Sanctification,  Suffering

Tales From The Blizzard

We moved on the cusp of Autumn. A Texas-native, I’d never seen such a beautiful fall. I felt like a child, giddy over the brilliant changing colors. Six months in, I’m giddy over another season I’ve never fully experienced – winter. My Lone-Star education taught me snow days meant thin layers of slippery ice, school delays, and one day off of school at best. Our first Maryland winter brought the most historic snowfall on record in the city of Baltimore. We spent over a week snowed in under almost three feet of snow.

I loved the experience. The steady storm of silent flakes amid the tall bare trees was breathtaking and the the blanket of snow (or several blankets and comforters) it left behind was beautiful. From indoors, warm, cozy, and under a heated blanket, I loved watching the kids play and sled in the mountains of snow.

After a week though, it got old. It’s hard to navigate cars around giant dirty piles of melting snow. You run out of groceries. You run out of patience with cooped up kids who’ve been out of school too long. Even sending those cute kids out to play in the snow means washing and drying countless extra loads of wet snow clothes. The wonder and excitement all run their course.

A blizzard-like move

I feel like that’s kind of the season I’m in of this cross-country move. While there are plenty of wonderful things to enjoy about moving and newness, the excitement runs its course and gives way to harder realities of figuring out life here. Just like everyone warned us winter would come (and it did), the friends we turned to for seasoned wisdom warned us the hard and lonely days would come too. And for me, they have. As we wait for our ministry to take form and launch, I find myself snowed in behind a wall of loss and loneliness.

I experienced great loss in moving away from a solid community of believers who knew me and loved me. I miss fellowship with the young believers I left behind. My children miss their life-long playmates. I miss the familiar culture and way of life that I’d never branded as “Southern.” Here, almost everything feels different – the grocery stores, the roads, the small-talk, the down-time, the mom-life – the unfamiliarity is disorienting and often lonely.
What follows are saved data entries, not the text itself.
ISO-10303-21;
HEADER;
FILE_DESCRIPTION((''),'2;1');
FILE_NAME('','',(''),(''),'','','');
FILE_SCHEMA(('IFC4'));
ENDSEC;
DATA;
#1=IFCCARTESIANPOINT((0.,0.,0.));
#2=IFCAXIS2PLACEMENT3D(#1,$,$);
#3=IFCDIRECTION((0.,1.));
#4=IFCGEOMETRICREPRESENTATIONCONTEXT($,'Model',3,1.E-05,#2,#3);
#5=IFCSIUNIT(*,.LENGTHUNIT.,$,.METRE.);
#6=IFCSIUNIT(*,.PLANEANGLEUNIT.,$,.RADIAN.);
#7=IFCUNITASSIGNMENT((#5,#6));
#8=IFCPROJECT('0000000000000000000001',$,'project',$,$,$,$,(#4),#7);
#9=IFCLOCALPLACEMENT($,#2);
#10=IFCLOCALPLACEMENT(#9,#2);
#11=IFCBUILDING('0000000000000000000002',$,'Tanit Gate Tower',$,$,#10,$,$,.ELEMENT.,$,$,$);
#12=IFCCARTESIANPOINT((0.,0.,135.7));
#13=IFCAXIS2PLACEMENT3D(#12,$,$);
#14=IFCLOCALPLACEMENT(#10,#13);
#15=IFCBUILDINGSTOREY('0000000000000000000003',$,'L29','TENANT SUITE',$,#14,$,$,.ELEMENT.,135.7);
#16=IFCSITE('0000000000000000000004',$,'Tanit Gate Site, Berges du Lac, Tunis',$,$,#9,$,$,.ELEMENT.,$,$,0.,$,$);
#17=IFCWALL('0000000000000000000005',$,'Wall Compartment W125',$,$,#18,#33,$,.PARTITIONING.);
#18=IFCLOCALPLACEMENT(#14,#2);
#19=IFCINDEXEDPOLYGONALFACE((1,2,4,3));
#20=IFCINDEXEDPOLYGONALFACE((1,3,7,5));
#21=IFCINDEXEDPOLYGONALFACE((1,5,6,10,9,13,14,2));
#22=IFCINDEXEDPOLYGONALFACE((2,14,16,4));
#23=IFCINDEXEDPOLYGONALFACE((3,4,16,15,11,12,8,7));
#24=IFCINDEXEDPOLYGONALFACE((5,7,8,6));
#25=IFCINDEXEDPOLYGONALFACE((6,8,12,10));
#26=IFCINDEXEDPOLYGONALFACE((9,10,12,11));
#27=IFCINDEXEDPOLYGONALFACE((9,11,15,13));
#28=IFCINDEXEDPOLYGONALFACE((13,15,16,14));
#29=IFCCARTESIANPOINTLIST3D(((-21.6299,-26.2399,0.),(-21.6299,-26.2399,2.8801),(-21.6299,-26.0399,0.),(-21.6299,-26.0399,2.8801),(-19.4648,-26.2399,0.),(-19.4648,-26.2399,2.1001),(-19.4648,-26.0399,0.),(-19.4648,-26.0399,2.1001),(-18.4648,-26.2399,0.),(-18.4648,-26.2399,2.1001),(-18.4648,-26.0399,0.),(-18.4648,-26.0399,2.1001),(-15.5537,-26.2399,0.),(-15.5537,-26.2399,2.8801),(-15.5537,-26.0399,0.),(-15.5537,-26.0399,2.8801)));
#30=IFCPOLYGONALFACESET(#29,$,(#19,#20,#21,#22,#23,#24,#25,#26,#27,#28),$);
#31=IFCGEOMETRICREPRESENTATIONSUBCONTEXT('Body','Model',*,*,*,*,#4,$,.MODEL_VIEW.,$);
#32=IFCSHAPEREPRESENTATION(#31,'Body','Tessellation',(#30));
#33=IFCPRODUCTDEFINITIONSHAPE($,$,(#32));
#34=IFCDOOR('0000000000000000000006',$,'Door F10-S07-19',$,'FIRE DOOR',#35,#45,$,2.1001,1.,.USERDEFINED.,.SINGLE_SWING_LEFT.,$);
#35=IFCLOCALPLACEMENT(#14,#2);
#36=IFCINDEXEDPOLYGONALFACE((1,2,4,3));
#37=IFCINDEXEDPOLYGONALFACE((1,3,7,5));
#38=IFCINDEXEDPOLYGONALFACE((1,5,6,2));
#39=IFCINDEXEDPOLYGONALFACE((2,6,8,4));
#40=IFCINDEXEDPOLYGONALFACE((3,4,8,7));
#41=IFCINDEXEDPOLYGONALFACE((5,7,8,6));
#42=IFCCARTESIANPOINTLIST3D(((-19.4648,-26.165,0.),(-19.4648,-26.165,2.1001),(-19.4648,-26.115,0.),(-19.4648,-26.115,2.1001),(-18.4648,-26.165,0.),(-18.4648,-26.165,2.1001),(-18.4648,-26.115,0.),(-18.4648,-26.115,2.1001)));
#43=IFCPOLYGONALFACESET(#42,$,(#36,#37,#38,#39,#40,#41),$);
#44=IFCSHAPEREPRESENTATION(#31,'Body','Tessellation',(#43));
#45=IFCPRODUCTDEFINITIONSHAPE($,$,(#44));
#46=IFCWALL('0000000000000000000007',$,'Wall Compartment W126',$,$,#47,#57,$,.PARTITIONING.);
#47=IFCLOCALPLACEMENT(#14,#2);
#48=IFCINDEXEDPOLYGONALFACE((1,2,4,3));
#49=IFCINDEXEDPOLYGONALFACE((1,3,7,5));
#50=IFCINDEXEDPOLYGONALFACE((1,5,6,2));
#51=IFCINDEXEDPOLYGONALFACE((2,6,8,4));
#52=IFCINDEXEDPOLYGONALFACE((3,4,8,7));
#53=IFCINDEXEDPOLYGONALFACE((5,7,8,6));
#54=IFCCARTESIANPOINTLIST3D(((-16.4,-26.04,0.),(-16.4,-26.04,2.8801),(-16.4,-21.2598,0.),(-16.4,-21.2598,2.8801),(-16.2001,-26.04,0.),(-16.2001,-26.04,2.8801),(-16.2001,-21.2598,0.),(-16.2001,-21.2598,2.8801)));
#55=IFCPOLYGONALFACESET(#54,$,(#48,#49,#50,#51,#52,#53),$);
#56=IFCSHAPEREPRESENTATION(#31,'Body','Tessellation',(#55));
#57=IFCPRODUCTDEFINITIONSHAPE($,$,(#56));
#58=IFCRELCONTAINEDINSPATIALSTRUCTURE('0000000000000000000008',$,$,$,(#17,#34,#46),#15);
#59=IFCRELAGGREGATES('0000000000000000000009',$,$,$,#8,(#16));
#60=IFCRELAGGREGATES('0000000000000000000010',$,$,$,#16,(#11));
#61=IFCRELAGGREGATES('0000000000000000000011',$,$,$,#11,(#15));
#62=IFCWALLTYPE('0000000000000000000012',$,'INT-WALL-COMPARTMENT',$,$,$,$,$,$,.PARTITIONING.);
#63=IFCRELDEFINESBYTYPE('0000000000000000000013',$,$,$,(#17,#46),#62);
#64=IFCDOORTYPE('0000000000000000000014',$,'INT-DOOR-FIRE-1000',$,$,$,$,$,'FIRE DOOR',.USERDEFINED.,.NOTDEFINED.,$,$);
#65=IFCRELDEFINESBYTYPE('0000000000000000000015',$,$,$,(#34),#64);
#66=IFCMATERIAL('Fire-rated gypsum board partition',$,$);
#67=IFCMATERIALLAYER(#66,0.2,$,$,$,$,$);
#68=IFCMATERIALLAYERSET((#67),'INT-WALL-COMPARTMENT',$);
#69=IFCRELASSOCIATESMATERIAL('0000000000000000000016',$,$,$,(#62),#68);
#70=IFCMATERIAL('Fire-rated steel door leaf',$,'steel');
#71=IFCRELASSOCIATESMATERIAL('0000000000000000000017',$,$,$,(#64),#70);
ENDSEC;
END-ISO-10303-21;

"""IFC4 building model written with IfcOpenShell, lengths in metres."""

from ifc_helpers import new_model, si_unit, direction, frame, frame_2d, origin, place, context, subcontext, project, spatial, rectangle, extrude, material, layer, layer_set, type_object, element, fill, save


model = new_model("IFC4")

# Units and contexts
model_context = context("Model", 3, precision=1e-05, world=origin(), true_north=direction((0.0, 1.0)))
body_context = subcontext(model_context, "Body", "Model", "MODEL_VIEW")
ifc_project = project(units=[si_unit("LENGTHUNIT", "METRE"), si_unit("PLANEANGLEUNIT", "RADIAN")], contexts=[model_context])

# Site, building, storey
site_placement = place(None, origin())
site = spatial("IfcSite", under=ifc_project, at=site_placement, Name="Tanit Gate Site, Berges du Lac, Tunis", CompositionType="ELEMENT", RefElevation=0.0)
building_placement = place(site_placement, origin())
building = spatial("IfcBuilding", under=site, at=building_placement, Name="Tanit Gate Tower", CompositionType="ELEMENT")
storey_placement = place(building_placement, frame((0.0, 0.0, 135.7)))
storey = spatial("IfcBuildingStorey", under=building, at=storey_placement, Name="L29", Description="TENANT SUITE", CompositionType="ELEMENT", Elevation=135.7)

# Shared definitions
ifc_material_1 = material(Name="Fire-rated gypsum board partition")
ifc_layer_1 = layer(ifc_material_1, 0.2)
ifc_layer_set_1 = layer_set([ifc_layer_1], Name="INT-WALL-COMPARTMENT")
wall_type_1 = type_object("IfcWallType", Name="INT-WALL-COMPARTMENT", PredefinedType="PARTITIONING", material=ifc_layer_set_1)

# Wall, opening, door
wall_1_placement = place(storey_placement, frame((-21.6299, -26.1399, 0.0), z_axis=(0.0, 0.0, 1.0), x_axis=(1.0, 0.0, 0.0)))
wall_1 = element("IfcWall", 1, at=wall_1_placement, inside=storey, type_object=wall_type_1, Name="Wall Compartment W125", PredefinedType="PARTITIONING", context=body_context, shape_type="SweptSolid", body=[
    extrude(rectangle(XDim=6.0762, YDim=0.2, at=frame_2d((3.0381, 0.0))), origin(), (0.0, 0.0, 1.0), 2.8801),
])
opening_placement = place(wall_1_placement, frame((2.165, 0.0, 0.0)))
opening = element("IfcOpeningElement", 2, at=opening_placement, cuts=wall_1, PredefinedType="OPENING", context=body_context, shape_type="SweptSolid", body=[
    extrude(rectangle(XDim=1.0, YDim=2.1001, at=frame_2d((0.5, 1.05))), frame((0.0, 0.1099, 0.0), z_axis=(0.0, -1.0, 0.0), x_axis=(1.0, 0.0, 0.0)), (0.0, 0.0, 1.0), 0.22),
])
ifc_material_2 = material(Name="Fire-rated steel door leaf", Category="steel")
door_type = type_object("IfcDoorType", Name="INT-DOOR-FIRE-1000", ElementType="FIRE DOOR", OperationType="NOTDEFINED", PredefinedType="USERDEFINED", material=ifc_material_2)
door_placement = place(opening_placement, origin())
door = element("IfcDoor", 3, at=door_placement, inside=storey, type_object=door_type, Name="Door F10-S07-19", ObjectType="FIRE DOOR", OperationType="SINGLE_SWING_LEFT", OverallHeight=2.1001, OverallWidth=1.0, PredefinedType="USERDEFINED", context=body_context, shape_type="SweptSolid", body=[
    extrude(rectangle(XDim=1.0, YDim=2.1001, at=frame_2d((0.5, 1.05))), frame((0.0, 0.0249, 0.0), z_axis=(0.0, -1.0, 0.0), x_axis=(1.0, 0.0, 0.0)), (0.0, 0.0, 1.0), 0.05),
])
fill(opening, door)

# Wall
wall_2_placement = place(storey_placement, frame((-16.3, -26.04, 0.0), z_axis=(0.0, 0.0, 1.0), x_axis=(0.0, 1.0, 0.0)))
element("IfcWall", 4, at=wall_2_placement, inside=storey, type_object=wall_type_1, Name="Wall Compartment W126", PredefinedType="PARTITIONING", context=body_context, shape_type="SweptSolid", body=[
    extrude(rectangle(XDim=4.7803, YDim=0.2, at=frame_2d((2.3901, 0.0))), origin(), (0.0, 0.0, 1.0), 2.8801),
])

save(model, "model.ifc")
Even the good changes are hard. A month after moving here my husband and I learned we’d been given the gift of a new life. We’d moved to Baltimore to birth a church and now I’d be birthing a real baby too. And this baby, makes a family of SEVEN. Heavens. All of my own insecurities and weakness really hit the fan. “Me? Lord, I’m not equipped!” I felt like crying in response. With another baby comes another level of change and challenge and the gift of recognizing once more my need for Jesus.

So here I am – new, lonely, pregnant, and facing all the same weakness and spiritual challenges that I had in Houston, here in Baltimore. I understand from the other side of the fence why just like my friends gasped over the thought of snowy winters, they gasped over the hurdle of a cross-country move. When the glamor of costly obedience wears off, what’s left isn’t as picturesque.

Why acknowledge the blizzard?

There is an immaturity in my heart that wants to hide my grief for fear of marring my witness. Elisabeth Elliot wrote “Don’t dig up in doubt what you planted in faith.” I would rather write nothing than cast the shades of sadness I feel in darkness on a decision my husband and I made in the light. But as much as I’d hate to paint a faithless picture, I’d also hate to paint costly obedience as only cheerful and rosy.

So how does one write of trials and loss without whining? How does one share from a place of grief and brokenness while fully expressing the spectrum of gratitude and joy that co-exist in trial? How could I paint the highlights of the harvest without the contours of the grim shadows of grief? I’ll admit, I don’t know the answer.

I think I have to begin with honesty. I have to be brave in confession – both to the Lord and to those around me. I have to let go of the fear of what people may think of me or how my struggle will reflect on my spiritual maturity. I have to care less about whether or not I’m “handling” things well. I have to allow God to work not only in in celebration and joy, but also in pain and heartache. I have to abide in Christ as I’m a “work in progress” instead of waiting on my life to be tied up in a pretty and presentable, bloggable package.

As I write from the blizzard of life, surrounded by snow,  hemmed in by melting mounds of mysterious ice, these words from missionary Amy Carmichael bring me hope and encouragement:

“Nothing will seem too much to have done or suffered, when, in the end, we see Him and the marks of His wounds; nothing will ever seem enough. Even the weariness of deferred hope will be forgotten, in the joy that is not of earth.”

Friends, when we can’t dig ourselves out of icy blizzards, we can warm our hearts with this truth – we serve a worthy King who knows us and loves us and calls us His own. Whether in winter or spring, sorrow or celebration, let us strive to make His name known and bring Him glory. Weeping only lasts for the night, but joy comes in the morning. One day soon He will return and welcome us into an eternal spring filled with joy that is not of this earth. Until then, will you persevere in hope with me?